# Conversor AD y puerto paralelo



## TinchoBass (Dic 6, 2005)

Hola!

Soy nuevo en el foro.
Necesitaba hacerles una consulta, ya que de electrónica no entiendo nada ...

Lo que necesito hacer es ... tomar diferentes señales y leerlas con la PC, por puerto paralelo o cualquier otro.

Las señales que necesito leer son varias, algunas son de sensores que devuelven rangos de voltage entre 0 y 1 volt por ejemplo, y otras son señales cuyo voltage varía como si fuese binario ... es decir, indican con un cambo de tensión un cambio de estado.

Los dispositivos en concreto son

- Un sensor de rueda fónica (un disco dentado, con un diente faltante y cuando el sensor detecta ese "hueco" manda una señal diferente)
- Una sonda lambda, devuelve voltage entre 0 y 1 volt
- Un sensor de detonacion ... devuelve dos valores posibles, "detona" o "no detona"
- etc ...

Es posible leer estas diferentes señales con un conversor AD a traves de algun puerto de la PC? o es necesaria una serie de diferentes circuitos?

Me podrían orientar de que es lo que necesito para poder disponer de un dispositivo de lectura de estas caracteristicas?

Muchas gracias ... y disculpen la molestia.

Martin.


----------



## maunix (Dic 18, 2005)

TinchoBass dijo:
			
		

> Hola!
> 
> Soy nuevo en el foro.
> Necesitaba hacerles una consulta, ya que de electrónica no entiendo nada ...
> ...



Si el puerto paralelo te puede funcionar para eso aunque todo depende del objeto de tu aplicacion ya que las señales si bien sean 0 o 1 pueden ser muy rápidas.

Que es lo que intentas hacer especificamente?


----------



## MaMu (Dic 18, 2005)

magio dijo:
			
		

> Si el puerto paralelo te puede funcionar para eso aunque todo depende del objeto de tu aplicacion ya que las señales si bien sean 0 o 1 pueden ser muy rápidas.




Lo que magio dice es correcto y suele ser un error muy común, para lo cual deberás usar un Latch para retener el dato.
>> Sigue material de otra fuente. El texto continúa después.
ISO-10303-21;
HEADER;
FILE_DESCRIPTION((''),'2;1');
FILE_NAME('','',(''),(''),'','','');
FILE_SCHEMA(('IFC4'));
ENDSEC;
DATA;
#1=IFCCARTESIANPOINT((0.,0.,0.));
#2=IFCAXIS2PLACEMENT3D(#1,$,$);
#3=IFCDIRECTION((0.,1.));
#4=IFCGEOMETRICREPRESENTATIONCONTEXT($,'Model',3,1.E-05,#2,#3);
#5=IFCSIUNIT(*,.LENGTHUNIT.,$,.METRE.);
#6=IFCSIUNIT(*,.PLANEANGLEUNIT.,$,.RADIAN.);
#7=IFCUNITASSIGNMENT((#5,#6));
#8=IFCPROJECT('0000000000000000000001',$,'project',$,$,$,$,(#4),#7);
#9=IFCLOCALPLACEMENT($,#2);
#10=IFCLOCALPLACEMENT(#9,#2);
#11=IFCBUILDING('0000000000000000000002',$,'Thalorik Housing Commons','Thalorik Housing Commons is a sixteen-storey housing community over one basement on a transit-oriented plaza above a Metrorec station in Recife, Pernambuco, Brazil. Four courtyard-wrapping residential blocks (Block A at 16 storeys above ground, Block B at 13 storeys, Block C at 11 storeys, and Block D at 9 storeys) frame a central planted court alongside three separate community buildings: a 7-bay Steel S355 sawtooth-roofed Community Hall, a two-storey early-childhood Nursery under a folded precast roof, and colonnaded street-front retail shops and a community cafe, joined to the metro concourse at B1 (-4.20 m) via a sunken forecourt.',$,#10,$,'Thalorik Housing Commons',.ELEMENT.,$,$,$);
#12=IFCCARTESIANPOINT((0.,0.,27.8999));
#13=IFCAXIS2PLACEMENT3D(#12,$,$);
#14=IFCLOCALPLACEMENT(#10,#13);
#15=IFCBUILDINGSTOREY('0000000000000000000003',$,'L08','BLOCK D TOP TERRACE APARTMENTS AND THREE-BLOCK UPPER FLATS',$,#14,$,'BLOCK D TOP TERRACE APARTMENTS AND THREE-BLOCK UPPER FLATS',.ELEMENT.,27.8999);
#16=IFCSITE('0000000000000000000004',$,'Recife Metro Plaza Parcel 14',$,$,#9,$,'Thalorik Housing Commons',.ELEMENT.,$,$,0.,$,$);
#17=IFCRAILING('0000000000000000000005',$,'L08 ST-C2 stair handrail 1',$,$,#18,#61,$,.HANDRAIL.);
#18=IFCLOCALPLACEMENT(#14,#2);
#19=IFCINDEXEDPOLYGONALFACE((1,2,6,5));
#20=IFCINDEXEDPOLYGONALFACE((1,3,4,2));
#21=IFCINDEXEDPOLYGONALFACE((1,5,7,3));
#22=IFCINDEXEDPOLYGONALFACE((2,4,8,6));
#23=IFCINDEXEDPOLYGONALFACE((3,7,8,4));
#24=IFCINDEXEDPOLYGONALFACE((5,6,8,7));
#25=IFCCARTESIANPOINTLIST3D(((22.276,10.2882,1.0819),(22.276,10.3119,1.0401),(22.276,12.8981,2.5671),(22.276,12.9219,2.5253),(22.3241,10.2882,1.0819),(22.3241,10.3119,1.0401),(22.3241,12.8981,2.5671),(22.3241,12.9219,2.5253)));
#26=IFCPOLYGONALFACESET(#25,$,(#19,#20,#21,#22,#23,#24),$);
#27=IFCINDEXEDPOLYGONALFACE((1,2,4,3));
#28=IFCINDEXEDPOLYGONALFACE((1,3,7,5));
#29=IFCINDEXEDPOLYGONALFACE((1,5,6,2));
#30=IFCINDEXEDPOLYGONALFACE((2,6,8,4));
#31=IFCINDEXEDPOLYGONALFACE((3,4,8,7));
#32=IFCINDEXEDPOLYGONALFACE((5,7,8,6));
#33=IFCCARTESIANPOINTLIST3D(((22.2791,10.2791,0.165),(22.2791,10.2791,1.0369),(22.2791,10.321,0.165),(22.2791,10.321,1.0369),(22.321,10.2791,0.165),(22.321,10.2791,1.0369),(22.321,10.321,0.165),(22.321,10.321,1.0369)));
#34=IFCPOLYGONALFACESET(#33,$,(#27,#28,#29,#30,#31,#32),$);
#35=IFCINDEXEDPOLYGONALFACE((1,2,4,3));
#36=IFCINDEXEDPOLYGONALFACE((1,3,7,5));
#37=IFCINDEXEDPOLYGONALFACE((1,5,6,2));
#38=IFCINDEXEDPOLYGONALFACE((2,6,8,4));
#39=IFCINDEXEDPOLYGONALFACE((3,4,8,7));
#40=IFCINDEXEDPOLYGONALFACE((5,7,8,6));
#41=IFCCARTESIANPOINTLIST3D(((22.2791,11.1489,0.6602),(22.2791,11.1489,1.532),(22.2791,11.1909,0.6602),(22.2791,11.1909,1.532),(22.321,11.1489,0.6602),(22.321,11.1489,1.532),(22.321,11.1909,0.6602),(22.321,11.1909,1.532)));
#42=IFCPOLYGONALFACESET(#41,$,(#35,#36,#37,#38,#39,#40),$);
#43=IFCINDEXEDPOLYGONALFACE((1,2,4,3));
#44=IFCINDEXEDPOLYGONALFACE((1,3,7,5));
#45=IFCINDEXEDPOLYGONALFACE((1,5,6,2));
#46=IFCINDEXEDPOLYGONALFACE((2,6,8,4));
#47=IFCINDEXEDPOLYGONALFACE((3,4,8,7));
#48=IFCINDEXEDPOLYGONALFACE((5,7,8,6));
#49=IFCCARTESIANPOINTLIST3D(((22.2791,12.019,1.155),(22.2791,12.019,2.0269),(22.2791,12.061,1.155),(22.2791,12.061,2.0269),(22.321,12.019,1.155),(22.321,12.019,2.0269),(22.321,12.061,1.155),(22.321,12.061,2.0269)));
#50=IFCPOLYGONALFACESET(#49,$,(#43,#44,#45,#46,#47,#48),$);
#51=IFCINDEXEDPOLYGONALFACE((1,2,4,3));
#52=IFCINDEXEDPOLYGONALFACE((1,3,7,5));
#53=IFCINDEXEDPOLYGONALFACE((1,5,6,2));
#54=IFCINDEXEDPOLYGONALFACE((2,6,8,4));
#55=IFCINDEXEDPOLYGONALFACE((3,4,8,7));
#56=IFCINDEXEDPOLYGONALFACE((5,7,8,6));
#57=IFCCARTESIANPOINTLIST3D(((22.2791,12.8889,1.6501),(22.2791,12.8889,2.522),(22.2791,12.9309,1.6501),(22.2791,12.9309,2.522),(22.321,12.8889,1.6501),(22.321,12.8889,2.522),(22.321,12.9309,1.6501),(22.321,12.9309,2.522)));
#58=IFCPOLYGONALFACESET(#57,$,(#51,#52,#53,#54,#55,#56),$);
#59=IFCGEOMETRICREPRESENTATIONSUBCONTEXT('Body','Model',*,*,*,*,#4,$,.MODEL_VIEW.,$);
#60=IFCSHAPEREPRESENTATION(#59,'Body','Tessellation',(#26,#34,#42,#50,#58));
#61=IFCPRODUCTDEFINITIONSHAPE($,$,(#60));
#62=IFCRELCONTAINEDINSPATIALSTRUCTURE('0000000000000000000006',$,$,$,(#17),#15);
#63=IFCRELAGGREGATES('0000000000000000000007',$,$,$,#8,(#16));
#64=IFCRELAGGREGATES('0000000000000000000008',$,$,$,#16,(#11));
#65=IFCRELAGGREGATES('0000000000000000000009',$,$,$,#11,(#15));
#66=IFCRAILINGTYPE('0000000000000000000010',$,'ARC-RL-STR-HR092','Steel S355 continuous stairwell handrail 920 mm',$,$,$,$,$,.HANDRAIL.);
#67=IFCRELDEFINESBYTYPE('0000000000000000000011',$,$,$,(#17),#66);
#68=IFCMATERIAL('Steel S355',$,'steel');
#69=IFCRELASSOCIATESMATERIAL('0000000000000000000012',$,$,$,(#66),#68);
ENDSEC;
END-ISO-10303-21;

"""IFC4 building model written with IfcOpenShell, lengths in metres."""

from ifc_helpers import new_model, si_unit, direction, frame, origin, origin_2d, place, context, subcontext, project, spatial, rectangle, extrude, material, type_object, element, save


model = new_model("IFC4")

# Units and contexts
model_context = context("Model", 3, precision=1e-05, world=origin(), true_north=direction((0.0, 1.0)))
body_context = subcontext(model_context, "Body", "Model", "MODEL_VIEW")
ifc_project = project(units=[si_unit("LENGTHUNIT", "METRE"), si_unit("PLANEANGLEUNIT", "RADIAN")], contexts=[model_context])

# Site, building, storey
site_placement = place(None, origin())
site = spatial("IfcSite", under=ifc_project, at=site_placement, Name="Recife Metro Plaza Parcel 14", LongName="Thalorik Housing Commons", CompositionType="ELEMENT", RefElevation=0.0)
building_placement = place(site_placement, origin())
building = spatial("IfcBuilding", under=site, at=building_placement, Name="Thalorik Housing Commons", Description="Thalorik Housing Commons is a sixteen-storey housing community over one basement on a transit-oriented plaza above a Metrorec station in Recife, Pernambuco, Brazil. Four courtyard-wrapping residential blocks (Block A at 16 storeys above ground, Block B at 13 storeys, Block C at 11 storeys, and Block D at 9 storeys) frame a central planted court alongside three separate community buildings: a 7-bay Steel S355 sawtooth-roofed Community Hall, a two-storey early-childhood Nursery under a folded precast roof, and colonnaded street-front retail shops and a community cafe, joined to the metro concourse at B1 (-4.20 m) via a sunken forecourt.", LongName="Thalorik Housing Commons", CompositionType="ELEMENT")
storey_placement = place(building_placement, frame((0.0, 0.0, 27.8999)))
storey = spatial("IfcBuildingStorey", under=building, at=storey_placement, Name="L08", Description="BLOCK D TOP TERRACE APARTMENTS AND THREE-BLOCK UPPER FLATS", LongName="BLOCK D TOP TERRACE APARTMENTS AND THREE-BLOCK UPPER FLATS", CompositionType="ELEMENT", Elevation=27.8999)

# Shared definitions
ifc_material_1 = material(Name="Steel S355", Category="steel")

# Railing
railing_type_1 = type_object("IfcRailingType", Name="ARC-RL-STR-HR092", Description="Steel S355 continuous stairwell handrail 920 mm", PredefinedType="HANDRAIL", material=ifc_material_1)
railing_1_placement = place(storey_placement, frame((22.3, 10.3, 0.165)))
element("IfcRailing", 1, at=railing_1_placement, inside=storey, type_object=railing_type_1, Name="L08 ST-C2 stair handrail 1", PredefinedType="HANDRAIL", context=body_context, shape_type="SweptSolid", body=[
    extrude(rectangle(XDim=0.0481, YDim=0.0481, at=origin_2d()), frame((0.0, 0.0, 0.896), z_axis=(0.0, 0.869137, 0.494571), x_axis=(-1.0, 0.0, 0.0)), (0.0, 0.0, 1.0), 3.0029),
    extrude(rectangle(XDim=0.042, YDim=0.042, at=origin_2d()), origin(), (0.0, 0.0, 1.0), 0.8718),
    extrude(rectangle(XDim=0.042, YDim=0.042, at=origin_2d()), frame((0.0, 0.8699, 0.4951)), (0.0, 0.0, 1.0), 0.8718),
    extrude(rectangle(XDim=0.042, YDim=0.042, at=origin_2d()), frame((0.0, 1.74, 0.99)), (0.0, 0.0, 1.0), 0.8718),
    extrude(rectangle(XDim=0.042, YDim=0.042, at=origin_2d()), frame((0.0, 2.6099, 1.4851)), (0.0, 0.0, 1.0), 0.8718),
])

save(model, "model.ifc")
Otro error común es la tensión de referencia del conversor AD, ya que si no es regulada puede filtrarse ripple.

Y como él te a preguntado... me adhiero...
Que es lo que intentas hacer especificamente?


Saludos.


----------



## TinchoBass (Ene 12, 2006)

Muchas gracias por las respuestas.

Lo que estoy necesitando hacer, es una interface a traves de la cual pueda capturar con la PC, señales del motor de un auto.

La velocidad de lectura ... mmmm, no se ... tendría que poder capturar 10000 pulsos por minuto como máximo.

Saludos.


----------



## maunix (Ene 19, 2006)

TinchoBass dijo:
			
		

> Muchas gracias por las respuestas.
> 
> Lo que estoy necesitando hacer, es una interface a traves de la cual pueda capturar con la PC, señales del motor de un auto.
> 
> ...



A ver si te puedo responder.  En principio no queda claro , pides sensar una señal A/D y luego hablas de pulsos? 

Otra cuestión... cuando usas hardware de PC tus timings no son precisos, si quieres sensar una rueda fónica puedes llegar a sensar cualquier cosa, menos lo que tu esperas, en conclusión, remitiendome a tu pregunta original.

- Un sensor de rueda fónica (un disco dentado, con un diente faltante y cuando el sensor detecta ese "hueco" manda una señal diferente) 
* --> NO*
- Una sonda lambda, devuelve voltage entre 0 y 1 volt
* --> SI*
- Un sensor de detonacion ... devuelve dos valores posibles, "detona" o "no detona"
* --> SI*
- etc ...
* ... *

Lamento no poder ser más detallista en la rta pero es que tu pregunta tampoco lo es.

Saludos


----------